To keep record of currently consumed resources globally, i.e., across all providers, the number of CPU cores and main memory (RAM) of a Node shall be stored with its representation in ZooKeeper by Nodepool. This allows for a cheap and provider agnostic aggregation of the currently consumed resources per tenant from any provider. The OpenStack driver already stores the resources in terms of cores, ram, and instances per zk.Node in a separate property in ZooKeeper. This is to be expanded to other drivers where applicable (cf. “Implementation Caveats” below).

Make Nodepool Tenant Aware

  1. Add tenant attribute to zk.NodeRequest (applies to Zuul and Nodepool)

  2. Add tenant attribute to zk.Node (applies to Nodepool)

Introduce Tenant Quotas in Nodepool

  1. introduce new top-level config item tenant-resource-limits for Nodepool config

    tenant-resource-limits:
      - tenant-name: tenant1
        max-servers: 10
        max-cores: 200
        max-ram: 800
      - tenant-name: tenant2
        max-servers: 100
        max-cores: 1500
        max-ram: 6000
    
  2. for each node request that has the tenant attribute set and a corresponding tenant-resource-limits config exists

    • get quota information from current active and planned nodes of same tenant

    • if quota for current tenant would be exceeded

      • defer node request

      • do not pause the pool (as opposed to exceeded pool quota)

      • leave the node request unfulfilled (REQUESTED state)

      • return from handler for another iteration to fulfill request when tenant quota allows eventually

    • if quota for current tenant would not be exceeded

      • proceed with normal process

  3. for each node request that does not have the tenant attribute or a tenant for which no tenant-resource-limits config exists

    • do not calculate the per-tenant quota and proceed with normal process

Implementation Caveats

This implementation is ought to be driver agnostic and therefore not to be implemented separately for each Nodepool driver. For the Kubernetes, OpenShift, and Static drivers, however, it is not easily possible to find the current allocated resources. The proposed change therefore does not currently apply to these. The Kubernetes and OpenShift(Pods) drivers would need to enforce resource request attributes on their labels which are optional at the moment (cf. Kubernetes Driver Doc). Another option would be to enforce resource limits on a per Kubernetes namespace level. How such limits can be implemented in this case needs to be addressed separately. Similarly, the AWS, Azure, and GCE drivers do not fully implement quota information for their nodes. E.g. the AWS driver only considers the number of servers, not the number of cores or RAM. Therefore, nodes from these providers also cannot be fully taken into account when calculating a global resource limit besides of number of servers. Implementing full quota support in those drivers is not within the scope of this change. However, following this spec, implementing quota support there to support a per-tenant limit would be straight forward. It just requires them to set the corresponding zk.Node.resources attributes. As for now, only the OpenStack driver exports resource information about its nodes to ZooKeeper, but as other drivers get enhanced with this feature, they will inherently be considered for such global limits as well.

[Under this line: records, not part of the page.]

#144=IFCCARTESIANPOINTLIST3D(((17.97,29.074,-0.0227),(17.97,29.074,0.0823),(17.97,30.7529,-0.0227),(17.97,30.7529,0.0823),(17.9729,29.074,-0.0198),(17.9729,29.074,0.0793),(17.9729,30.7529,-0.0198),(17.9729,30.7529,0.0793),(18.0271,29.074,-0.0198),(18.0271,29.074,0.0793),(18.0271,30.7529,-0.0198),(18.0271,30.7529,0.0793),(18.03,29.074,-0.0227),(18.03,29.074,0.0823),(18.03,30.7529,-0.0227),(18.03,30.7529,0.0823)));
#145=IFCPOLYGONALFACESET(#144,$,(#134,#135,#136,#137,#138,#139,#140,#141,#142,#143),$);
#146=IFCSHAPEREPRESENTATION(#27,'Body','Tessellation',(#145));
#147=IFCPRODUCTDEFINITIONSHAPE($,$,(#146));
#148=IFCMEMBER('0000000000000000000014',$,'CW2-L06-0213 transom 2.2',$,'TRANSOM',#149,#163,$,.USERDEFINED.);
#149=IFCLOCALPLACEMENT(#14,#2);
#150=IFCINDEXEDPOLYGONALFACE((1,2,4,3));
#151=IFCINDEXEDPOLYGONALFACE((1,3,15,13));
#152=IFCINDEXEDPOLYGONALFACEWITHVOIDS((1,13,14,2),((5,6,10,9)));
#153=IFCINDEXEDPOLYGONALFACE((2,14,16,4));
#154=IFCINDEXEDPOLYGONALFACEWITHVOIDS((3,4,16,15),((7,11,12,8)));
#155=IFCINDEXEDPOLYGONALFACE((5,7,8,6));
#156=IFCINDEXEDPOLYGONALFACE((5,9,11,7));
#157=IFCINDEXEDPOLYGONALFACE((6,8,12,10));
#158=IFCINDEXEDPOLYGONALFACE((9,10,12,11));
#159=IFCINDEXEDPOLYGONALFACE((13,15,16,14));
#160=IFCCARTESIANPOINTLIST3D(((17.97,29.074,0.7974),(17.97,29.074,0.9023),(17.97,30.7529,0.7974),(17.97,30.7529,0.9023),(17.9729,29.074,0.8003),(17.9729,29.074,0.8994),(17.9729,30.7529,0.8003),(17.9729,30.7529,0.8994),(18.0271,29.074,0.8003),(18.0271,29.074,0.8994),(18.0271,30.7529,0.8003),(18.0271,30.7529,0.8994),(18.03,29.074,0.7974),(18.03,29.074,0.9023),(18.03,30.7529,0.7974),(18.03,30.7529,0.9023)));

In the QuotaSupport mixin class, we already query ZooKeeper for the used and planned resources. Ideally, we can extend this method to also return the resources currently allocated by each tenant without additional costs and account for this additional quota information as we already do for provider and pool quotas (cf. SimpleTaskManagerHandler). However, calculation of currently consumed resources by a provider is done only for nodes of the same provider. This does not easily work for global limits as intended for tenant quotas. Therefore, this information (cores, ram, instances) will be stored in a generic way on zk.Node.resources objects for any provider to evaluate these quotas upon an incoming node request.